Okay, just one last tool background post before we hit the “real” workflow I settled on. As I touched on in an earlier post, Tesseract is surprisingly easy to use from the command line. Figuring out how to use it is a good chance to practice your old school computing skills. Here are some more extensive notes, in case you are interested in pursuing this option.
Tesseract has a basic manual that is barely human readable. So if you are trying to figure anything out, it might be easier to search the user group on Google, https://groups.google.com/forum/#!forum/tesseract-ocr.
There is a few basic things to know about input to maximize the quality of the output. The most likely image flaws to cause recognition errors are skew, uneven lighting, and black edges on the scans. These should be avoided during scanning or fixed before input (using ScanTailor, for example). The newer releases of Tesseract can handle most image formats and include automatic pre-processing (i.e. binarization, basically converting to black and white only, plus noise reduction). Some applications give you the ability to tweak or retrain the OCR engine–however, except with new languages or extremely odd fonts, this will not improve Tesseract very much. So don’t bother!
The standard output is a UTF-8 TXT file. If you add the option ‘hocr’, it will output a special HTML format that includes layout position for the recognized text. This file can be used to create searchable PDFs.
Command line use is pretty simple. It is easiest on a Linux system, but I thought I would describe the Windows workflow since many users don’t even realize command line is an option. The best way to use Tesseract directly on Windows is to look in the start menu folder “Tesseract-OCR”, right click the icon for “Console”, and choose “Run as Administrator” (if you don’t run as admin, tesseract will likely not have the correct permissions to actually create files).
Now just follow the basic recipe given by the manual, although you will have to supply file paths for the input and output files:
Tesseract [file path]\inputfile.name [filepath]\outputfile hocr
Don’t put an extension on the output file name because Tesseract will do it automatically. The hocr option is added if you want HTML output with layout information or is left off for plain text.
It would be insanely tedious to do more than one file this way, so luckily its very easy to create a Windows batch file to automate the process (or even easier via Linux shell script. If you need to brush up on Linux shell, check out the great resource LinuxCommand.org).
To create a batch file, open notepad, and follow this recipe replacing “[filepath]” with the actual location of the input and output directories (e.g. “C:\temp\testscans\*.tif”, using the correct extension for your files):
Set _Tesseract="C:\Program Files (x86)\Tesseract-OCR\tesseract.exe"
For %%A in (%_SourcePath%) Do Echo Converting %%A...&%_Tesseract% %%A %_OutputPath%%%~nA
Then click save as, type in a file name plus the extension “.bat”. This process will run Tesseract on each file with the given extension in the source directory, outputting a text file for each in the output directory. To run the batch process, simply double click the .bat file!

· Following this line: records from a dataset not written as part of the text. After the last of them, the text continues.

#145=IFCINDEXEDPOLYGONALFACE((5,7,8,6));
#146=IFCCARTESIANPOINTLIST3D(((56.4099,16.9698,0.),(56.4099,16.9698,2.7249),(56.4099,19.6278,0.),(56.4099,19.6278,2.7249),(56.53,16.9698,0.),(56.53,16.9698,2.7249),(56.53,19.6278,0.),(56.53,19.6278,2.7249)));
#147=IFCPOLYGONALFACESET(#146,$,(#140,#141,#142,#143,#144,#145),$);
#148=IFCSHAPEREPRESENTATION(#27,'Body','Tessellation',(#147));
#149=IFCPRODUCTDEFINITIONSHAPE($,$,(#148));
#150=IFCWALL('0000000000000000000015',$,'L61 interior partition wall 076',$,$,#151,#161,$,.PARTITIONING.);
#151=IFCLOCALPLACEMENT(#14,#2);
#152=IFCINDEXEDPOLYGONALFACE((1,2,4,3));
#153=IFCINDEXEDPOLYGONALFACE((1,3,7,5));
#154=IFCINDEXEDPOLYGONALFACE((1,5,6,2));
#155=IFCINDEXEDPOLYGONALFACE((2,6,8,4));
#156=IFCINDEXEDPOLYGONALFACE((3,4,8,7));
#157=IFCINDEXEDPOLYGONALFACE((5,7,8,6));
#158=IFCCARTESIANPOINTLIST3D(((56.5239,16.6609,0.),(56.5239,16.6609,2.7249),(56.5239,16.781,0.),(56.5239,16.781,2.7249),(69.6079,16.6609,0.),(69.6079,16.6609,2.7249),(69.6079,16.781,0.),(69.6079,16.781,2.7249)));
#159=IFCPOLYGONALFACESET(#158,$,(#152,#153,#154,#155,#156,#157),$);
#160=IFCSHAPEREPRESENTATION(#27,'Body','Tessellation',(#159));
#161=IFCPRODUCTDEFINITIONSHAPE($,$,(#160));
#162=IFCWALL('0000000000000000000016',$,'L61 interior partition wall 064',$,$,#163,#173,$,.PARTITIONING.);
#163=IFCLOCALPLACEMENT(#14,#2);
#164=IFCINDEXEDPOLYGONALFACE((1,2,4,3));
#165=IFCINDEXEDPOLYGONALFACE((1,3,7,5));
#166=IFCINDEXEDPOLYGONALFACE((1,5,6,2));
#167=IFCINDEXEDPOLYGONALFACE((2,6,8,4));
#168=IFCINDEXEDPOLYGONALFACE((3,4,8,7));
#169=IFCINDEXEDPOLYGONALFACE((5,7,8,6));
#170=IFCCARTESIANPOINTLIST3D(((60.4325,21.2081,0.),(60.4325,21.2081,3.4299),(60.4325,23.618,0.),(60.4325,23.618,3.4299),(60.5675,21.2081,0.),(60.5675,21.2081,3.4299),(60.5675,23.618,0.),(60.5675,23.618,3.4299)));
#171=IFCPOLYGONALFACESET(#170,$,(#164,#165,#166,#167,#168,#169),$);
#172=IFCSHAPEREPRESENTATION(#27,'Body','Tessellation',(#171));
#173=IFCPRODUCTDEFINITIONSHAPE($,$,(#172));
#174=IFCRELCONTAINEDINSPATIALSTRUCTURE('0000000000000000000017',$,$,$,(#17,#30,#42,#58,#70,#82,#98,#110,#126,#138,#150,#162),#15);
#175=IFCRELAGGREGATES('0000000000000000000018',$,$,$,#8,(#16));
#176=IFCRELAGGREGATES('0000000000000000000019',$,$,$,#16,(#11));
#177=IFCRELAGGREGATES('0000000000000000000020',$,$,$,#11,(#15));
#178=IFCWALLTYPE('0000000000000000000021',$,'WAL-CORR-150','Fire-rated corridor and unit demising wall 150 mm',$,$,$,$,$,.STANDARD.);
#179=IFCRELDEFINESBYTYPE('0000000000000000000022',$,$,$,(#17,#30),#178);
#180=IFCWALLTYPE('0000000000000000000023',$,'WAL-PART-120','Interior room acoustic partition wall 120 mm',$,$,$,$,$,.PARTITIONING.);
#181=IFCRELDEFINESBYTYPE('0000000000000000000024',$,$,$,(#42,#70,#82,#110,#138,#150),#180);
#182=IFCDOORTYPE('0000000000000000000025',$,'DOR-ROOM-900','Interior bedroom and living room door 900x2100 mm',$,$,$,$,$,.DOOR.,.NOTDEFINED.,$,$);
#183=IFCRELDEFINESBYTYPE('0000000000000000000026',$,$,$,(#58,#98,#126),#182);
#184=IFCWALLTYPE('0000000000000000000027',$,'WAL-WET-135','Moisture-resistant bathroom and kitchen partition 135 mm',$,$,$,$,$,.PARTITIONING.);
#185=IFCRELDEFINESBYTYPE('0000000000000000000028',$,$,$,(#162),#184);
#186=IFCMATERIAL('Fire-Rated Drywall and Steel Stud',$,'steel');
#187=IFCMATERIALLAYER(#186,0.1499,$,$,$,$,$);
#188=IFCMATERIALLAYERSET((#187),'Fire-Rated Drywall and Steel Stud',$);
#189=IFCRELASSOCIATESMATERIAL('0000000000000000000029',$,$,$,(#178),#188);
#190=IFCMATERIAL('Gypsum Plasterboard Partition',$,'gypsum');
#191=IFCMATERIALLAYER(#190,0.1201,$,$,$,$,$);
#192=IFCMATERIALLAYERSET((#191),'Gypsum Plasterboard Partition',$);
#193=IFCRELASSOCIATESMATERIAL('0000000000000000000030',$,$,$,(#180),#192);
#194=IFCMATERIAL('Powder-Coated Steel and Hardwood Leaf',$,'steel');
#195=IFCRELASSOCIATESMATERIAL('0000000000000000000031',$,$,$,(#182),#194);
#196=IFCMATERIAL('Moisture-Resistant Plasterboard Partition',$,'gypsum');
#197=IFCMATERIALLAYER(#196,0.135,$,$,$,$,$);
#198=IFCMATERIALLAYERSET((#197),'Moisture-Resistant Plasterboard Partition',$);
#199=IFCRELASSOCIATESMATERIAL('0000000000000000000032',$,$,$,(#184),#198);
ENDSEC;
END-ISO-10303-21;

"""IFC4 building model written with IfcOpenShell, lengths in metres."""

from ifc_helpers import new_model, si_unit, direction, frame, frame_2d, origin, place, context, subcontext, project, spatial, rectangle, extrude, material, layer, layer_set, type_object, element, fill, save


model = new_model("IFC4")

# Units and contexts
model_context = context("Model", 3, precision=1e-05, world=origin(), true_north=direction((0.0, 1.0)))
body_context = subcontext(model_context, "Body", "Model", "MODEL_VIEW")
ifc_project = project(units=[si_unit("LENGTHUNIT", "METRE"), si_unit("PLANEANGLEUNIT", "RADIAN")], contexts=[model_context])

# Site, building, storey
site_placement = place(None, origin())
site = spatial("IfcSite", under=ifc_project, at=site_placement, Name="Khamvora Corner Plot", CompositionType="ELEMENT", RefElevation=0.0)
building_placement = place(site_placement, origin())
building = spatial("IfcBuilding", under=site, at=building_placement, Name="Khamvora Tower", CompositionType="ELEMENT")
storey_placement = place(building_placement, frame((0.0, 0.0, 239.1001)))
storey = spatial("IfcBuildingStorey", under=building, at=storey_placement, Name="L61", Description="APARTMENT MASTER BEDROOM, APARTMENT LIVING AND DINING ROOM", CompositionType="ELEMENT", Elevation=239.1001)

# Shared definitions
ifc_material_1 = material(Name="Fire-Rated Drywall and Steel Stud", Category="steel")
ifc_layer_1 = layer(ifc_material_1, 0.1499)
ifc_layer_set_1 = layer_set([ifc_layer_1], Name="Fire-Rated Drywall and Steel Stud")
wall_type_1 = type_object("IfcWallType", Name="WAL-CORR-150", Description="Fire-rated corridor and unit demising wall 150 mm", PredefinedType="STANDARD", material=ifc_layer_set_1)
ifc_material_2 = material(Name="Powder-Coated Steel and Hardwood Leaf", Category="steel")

Okay, now you have a huge batch of .txt files that you want to combine. Time for some more command line! Open the console and use the command
cd [filepath] to navigate to the directory where all the text files are located. Then enter the command
copy *.txt combinedfile.txt which copies the content of every txt file in the directory into the new file “combinedfile.txt”.
Feeling like a Windows power user yet?